Rural primary in Cadereyta, NL, drives education and environmental sustainability
Alexia Villaseñor
La Jornada newspaper
Monday, September 29, 2025, p. 13
In the municipality of Cadereyta Jiménez, Nuevo León, there is a multigrade rural primary that promotes sustainable educational development through projects in favor of the environment and healthy eating. It is the Aquiles Serdán Multigrado Rural School, with a registration of 75 students, 42 parents and four teachers.
The director of the campus, Eduardo Garza Cortés, points out that since 2018 the teachers sought to influence the perception of environmental care with sustainable projects that involve both students and parents, “since reaching significant achievements entails a community work”.
In an interview with this medium, he affirms that a favorable indicator on the reception of this type of programs is the increase in registration, because before the sustainable projects began, the number of registered students was a third of those it currently has. “Now there are students from nearby communities who prefer to move for more than 30 minutes, despite having educational centers in their villages because they prefer the training we are providing.”
He considers that these rural children are making a difference from their sector, since graduates who now study secondaryly have enabled this type of initiatives in their new schools because being sustainable is already part of their life. “
That habits are accused to protect the environment at an early age helps to form conscious citizens, and schools are spaces that contribute to this purpose, he says.

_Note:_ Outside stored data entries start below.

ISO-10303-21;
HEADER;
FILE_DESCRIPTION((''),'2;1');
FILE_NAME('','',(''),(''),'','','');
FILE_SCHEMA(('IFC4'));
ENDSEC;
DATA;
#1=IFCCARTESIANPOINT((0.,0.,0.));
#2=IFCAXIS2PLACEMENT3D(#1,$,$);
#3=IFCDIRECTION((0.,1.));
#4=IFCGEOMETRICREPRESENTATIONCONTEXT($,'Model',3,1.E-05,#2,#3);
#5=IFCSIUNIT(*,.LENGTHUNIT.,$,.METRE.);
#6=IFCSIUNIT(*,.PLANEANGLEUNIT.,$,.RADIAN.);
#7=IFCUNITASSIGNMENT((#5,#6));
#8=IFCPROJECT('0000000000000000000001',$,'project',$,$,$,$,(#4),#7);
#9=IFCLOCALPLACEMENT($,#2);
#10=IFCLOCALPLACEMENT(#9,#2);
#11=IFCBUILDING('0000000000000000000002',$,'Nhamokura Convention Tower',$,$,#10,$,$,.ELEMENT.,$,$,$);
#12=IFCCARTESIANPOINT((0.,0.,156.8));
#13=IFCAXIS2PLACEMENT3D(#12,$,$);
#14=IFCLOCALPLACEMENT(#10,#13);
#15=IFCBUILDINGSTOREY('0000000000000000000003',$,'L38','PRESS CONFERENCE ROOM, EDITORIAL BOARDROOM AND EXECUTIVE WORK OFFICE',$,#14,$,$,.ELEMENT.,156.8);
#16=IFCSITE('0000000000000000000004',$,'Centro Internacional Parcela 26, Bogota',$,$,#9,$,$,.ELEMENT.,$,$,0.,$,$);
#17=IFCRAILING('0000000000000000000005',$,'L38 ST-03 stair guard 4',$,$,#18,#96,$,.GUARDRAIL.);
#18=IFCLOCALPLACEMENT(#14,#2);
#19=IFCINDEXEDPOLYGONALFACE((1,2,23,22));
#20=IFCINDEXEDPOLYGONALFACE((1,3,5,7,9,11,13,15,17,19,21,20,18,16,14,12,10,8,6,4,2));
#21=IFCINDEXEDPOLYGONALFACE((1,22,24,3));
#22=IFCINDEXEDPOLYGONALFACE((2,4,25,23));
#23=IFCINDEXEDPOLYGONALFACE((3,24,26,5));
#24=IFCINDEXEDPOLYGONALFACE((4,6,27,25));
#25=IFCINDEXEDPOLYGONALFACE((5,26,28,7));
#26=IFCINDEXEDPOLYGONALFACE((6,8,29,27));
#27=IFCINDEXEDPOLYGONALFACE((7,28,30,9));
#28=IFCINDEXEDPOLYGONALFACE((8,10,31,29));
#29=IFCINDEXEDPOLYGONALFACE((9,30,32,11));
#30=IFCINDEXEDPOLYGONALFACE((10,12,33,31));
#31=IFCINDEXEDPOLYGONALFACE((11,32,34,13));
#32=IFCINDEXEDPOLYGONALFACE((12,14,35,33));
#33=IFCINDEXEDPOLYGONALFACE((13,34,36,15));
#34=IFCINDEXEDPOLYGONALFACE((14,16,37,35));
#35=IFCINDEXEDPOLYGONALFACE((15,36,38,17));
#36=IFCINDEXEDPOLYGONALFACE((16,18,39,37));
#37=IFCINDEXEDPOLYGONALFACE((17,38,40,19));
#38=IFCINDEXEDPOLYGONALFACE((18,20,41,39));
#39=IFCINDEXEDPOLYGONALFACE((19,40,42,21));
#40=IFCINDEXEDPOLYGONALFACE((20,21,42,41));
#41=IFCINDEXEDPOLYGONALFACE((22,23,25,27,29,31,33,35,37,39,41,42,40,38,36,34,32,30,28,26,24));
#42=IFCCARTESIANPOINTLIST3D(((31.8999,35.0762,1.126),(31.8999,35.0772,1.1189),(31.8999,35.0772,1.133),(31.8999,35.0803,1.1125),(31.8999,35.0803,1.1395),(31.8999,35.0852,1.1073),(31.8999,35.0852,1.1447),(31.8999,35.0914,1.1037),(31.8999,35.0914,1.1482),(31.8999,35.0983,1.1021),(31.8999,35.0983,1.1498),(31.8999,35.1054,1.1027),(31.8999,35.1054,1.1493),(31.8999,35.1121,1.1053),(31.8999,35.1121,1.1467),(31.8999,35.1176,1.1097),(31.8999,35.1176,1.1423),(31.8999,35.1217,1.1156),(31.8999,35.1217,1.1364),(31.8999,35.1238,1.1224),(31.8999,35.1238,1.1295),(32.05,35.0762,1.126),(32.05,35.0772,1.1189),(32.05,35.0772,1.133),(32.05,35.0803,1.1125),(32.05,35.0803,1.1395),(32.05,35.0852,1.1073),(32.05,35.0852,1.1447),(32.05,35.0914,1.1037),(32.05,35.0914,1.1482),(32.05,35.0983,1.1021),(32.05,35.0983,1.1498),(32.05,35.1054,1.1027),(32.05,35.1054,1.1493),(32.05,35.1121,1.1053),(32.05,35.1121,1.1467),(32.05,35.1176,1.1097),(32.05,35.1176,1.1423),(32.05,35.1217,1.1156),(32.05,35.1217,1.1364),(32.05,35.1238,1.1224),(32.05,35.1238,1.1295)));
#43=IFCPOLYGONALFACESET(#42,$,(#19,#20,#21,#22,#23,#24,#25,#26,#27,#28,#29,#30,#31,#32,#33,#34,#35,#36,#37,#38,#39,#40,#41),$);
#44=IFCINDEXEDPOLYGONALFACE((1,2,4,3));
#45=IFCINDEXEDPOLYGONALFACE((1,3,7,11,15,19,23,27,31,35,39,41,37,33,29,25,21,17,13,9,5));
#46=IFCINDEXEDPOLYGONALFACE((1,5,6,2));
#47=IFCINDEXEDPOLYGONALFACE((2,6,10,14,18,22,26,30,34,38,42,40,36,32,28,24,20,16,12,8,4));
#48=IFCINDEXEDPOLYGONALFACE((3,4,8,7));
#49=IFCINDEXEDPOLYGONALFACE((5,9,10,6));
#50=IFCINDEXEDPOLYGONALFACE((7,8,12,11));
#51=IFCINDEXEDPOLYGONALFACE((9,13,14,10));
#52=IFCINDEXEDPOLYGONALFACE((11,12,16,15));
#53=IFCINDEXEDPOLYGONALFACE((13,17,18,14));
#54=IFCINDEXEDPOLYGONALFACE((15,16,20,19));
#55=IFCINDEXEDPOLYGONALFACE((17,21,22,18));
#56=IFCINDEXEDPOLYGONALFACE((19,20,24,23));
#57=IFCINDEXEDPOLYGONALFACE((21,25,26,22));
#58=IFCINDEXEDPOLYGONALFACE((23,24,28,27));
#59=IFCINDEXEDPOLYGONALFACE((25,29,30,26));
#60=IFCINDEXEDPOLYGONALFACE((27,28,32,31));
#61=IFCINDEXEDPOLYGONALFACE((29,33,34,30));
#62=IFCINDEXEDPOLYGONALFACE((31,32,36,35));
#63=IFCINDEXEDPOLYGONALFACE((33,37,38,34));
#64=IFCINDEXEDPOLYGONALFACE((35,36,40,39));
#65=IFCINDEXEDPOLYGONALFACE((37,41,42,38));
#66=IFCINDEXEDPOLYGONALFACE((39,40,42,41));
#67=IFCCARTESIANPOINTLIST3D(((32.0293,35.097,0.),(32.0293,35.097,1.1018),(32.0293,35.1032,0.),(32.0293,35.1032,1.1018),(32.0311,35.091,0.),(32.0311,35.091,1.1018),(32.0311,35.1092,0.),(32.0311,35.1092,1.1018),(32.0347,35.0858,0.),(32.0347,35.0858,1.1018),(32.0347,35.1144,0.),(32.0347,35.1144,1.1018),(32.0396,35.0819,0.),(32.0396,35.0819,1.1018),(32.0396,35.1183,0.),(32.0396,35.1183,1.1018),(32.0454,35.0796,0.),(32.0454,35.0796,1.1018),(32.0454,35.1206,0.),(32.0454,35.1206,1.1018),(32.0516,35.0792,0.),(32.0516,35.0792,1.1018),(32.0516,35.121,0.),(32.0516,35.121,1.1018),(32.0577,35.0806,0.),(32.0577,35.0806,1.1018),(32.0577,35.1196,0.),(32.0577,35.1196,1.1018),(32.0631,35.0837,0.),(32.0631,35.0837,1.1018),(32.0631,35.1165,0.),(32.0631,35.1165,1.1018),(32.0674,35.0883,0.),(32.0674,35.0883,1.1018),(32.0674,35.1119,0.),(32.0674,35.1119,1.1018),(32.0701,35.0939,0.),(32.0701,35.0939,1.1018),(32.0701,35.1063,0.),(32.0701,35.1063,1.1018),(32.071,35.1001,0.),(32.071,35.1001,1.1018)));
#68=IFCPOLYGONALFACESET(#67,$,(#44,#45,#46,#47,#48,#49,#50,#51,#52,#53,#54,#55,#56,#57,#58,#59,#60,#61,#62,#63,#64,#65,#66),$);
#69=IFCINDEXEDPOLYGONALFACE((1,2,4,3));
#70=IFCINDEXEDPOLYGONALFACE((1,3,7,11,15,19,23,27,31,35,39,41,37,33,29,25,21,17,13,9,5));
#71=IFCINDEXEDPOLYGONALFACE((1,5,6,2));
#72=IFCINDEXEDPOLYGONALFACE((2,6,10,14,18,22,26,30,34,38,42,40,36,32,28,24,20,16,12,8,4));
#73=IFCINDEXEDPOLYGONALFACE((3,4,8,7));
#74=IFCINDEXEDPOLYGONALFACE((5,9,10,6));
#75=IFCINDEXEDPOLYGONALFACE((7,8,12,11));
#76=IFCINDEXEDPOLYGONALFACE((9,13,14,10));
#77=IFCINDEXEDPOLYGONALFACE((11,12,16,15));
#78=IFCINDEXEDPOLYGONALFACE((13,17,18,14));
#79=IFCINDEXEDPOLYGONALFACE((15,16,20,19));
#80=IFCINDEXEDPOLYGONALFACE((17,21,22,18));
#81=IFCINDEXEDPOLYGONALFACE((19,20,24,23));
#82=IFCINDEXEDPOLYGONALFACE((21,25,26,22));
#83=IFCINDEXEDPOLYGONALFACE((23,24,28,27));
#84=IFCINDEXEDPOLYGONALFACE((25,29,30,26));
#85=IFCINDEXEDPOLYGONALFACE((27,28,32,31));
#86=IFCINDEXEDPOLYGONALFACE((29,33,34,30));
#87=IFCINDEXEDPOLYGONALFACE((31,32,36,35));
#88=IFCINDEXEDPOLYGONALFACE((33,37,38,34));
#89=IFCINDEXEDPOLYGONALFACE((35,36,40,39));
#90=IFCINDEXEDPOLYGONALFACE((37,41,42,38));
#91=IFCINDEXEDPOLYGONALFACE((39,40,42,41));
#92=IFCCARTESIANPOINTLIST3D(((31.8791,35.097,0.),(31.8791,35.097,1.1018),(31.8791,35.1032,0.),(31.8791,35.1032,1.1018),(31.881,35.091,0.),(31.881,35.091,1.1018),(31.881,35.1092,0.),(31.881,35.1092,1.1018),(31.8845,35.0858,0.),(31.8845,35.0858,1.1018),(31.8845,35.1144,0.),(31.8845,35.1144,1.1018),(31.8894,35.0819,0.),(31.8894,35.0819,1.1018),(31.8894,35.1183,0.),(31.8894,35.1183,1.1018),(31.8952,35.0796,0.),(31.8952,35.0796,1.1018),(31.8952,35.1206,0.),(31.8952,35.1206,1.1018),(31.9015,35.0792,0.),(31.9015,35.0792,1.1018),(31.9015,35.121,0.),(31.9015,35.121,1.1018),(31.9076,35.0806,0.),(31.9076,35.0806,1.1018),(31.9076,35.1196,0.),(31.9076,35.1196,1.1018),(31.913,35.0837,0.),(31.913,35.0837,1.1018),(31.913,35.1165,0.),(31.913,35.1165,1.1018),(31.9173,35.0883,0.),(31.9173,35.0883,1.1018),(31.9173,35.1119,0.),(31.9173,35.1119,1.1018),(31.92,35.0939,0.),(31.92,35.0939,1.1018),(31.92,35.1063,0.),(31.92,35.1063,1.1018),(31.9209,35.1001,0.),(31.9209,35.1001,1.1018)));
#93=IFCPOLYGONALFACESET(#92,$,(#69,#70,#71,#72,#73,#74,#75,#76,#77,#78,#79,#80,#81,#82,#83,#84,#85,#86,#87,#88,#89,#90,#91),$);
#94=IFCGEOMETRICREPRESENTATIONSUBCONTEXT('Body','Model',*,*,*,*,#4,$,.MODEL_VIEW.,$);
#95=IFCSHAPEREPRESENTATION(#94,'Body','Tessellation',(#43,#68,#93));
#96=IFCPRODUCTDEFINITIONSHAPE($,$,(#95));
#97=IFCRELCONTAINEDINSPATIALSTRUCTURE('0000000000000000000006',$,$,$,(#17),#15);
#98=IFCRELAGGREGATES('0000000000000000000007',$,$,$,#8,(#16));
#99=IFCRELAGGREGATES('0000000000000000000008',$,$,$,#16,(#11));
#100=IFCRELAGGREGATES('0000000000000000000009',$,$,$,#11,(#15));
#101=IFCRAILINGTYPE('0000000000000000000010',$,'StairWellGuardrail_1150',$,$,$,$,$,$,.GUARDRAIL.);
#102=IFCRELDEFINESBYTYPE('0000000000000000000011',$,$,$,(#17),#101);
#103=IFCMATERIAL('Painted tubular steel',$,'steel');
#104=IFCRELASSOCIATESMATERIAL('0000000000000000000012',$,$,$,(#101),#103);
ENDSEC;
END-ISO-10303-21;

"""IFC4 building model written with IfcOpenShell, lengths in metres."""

from ifc_helpers import new_model, si_unit, direction, frame, origin, origin_2d, place, context, subcontext, project, spatial, circle, extrude, material, type_object, element, save


model = new_model("IFC4")

# Units and contexts
model_context = context("Model", 3, precision=1e-05, world=origin(), true_north=direction((0.0, 1.0)))
body_context = subcontext(model_context, "Body", "Model", "MODEL_VIEW")
ifc_project = project(units=[si_unit("LENGTHUNIT", "METRE"), si_unit("PLANEANGLEUNIT", "RADIAN")], contexts=[model_context])

# Site, building, storey
site_placement = place(None, origin())
site = spatial("IfcSite", under=ifc_project, at=site_placement, Name="Centro Internacional Parcela 26, Bogota", CompositionType="ELEMENT", RefElevation=0.0)
building_placement = place(site_placement, origin())
building = spatial("IfcBuilding", under=site, at=building_placement, Name="Nhamokura Convention Tower", CompositionType="ELEMENT")
storey_placement = place(building_placement, frame((0.0, 0.0, 156.8)))
storey = spatial("IfcBuildingStorey", under=building, at=storey_placement, Name="L38", Description="PRESS CONFERENCE ROOM, EDITORIAL BOARDROOM AND EXECUTIVE WORK OFFICE", CompositionType="ELEMENT", Elevation=156.8)

# Railing
ifc_material_1 = material(Name="Painted tubular steel", Category="steel")
railing_type_1 = type_object("IfcRailingType", Name="StairWellGuardrail_1150", PredefinedType="GUARDRAIL", material=ifc_material_1)
railing_1_placement = place(storey_placement, frame((32.05, 35.1001, 0.0)))
element("IfcRailing", 1, at=railing_1_placement, inside=storey, type_object=railing_type_1, Name="L38 ST-03 stair guard 4", PredefinedType="GUARDRAIL", context=body_context, shape_type="SweptSolid", body=[
    extrude(circle(Radius=0.0239, at=origin_2d()), frame((0.0, 0.0, 1.126), z_axis=(-1.0, 0.0, 0.0), x_axis=(0.0, -1.0, 0.0)), (0.0, 0.0, 1.0), 0.1501),
    extrude(circle(Radius=0.021, at=origin_2d()), origin(), (0.0, 0.0, 1.0), 1.1018),
    extrude(circle(Radius=0.021, at=origin_2d()), frame((-0.1501, 0.0, 0.0)), (0.0, 0.0, 1.0), 1.1018),
])

save(model, "model.ifc")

The first project with the sustainable school model was a pollinating garden. Then they included a greenhouse, a rainwater collector, a harvest and consumption of garden products and recycling campaigns. “Now we totally close the sustainability cycle within the school,” says Garza.
He explains that there are two seasons of crops-Own-winter and spring-summer-when they put different types of seeds to the earth and begin the circle of sustainability, when children sow them in the greenhouse and help germination, water them, transplant them in the school garden, take care of it and then harvest. Then, in school cuisine, parents prepare food with these crops.
The campus won the first place at the national level in the preschool-primary category in the Sustainable Schools Award, organized by the Organization of Ibero-American States for Education, Science and Culture (OEI) and the Santillana Group. This contest includes projects from Mexico, Colombia and Brazil; The international awards in October will be in the latter.
Janett Patrinos, Marketing Director Santillana México, points out that the award was held in the third edition of this contest. At the national scale they received 70 projects and there were 10 finalists. The objective, he details, is to promote programs to improve the environment from schools, so they grant an economic incentive for schools to invest in their programs and thus promote their growth.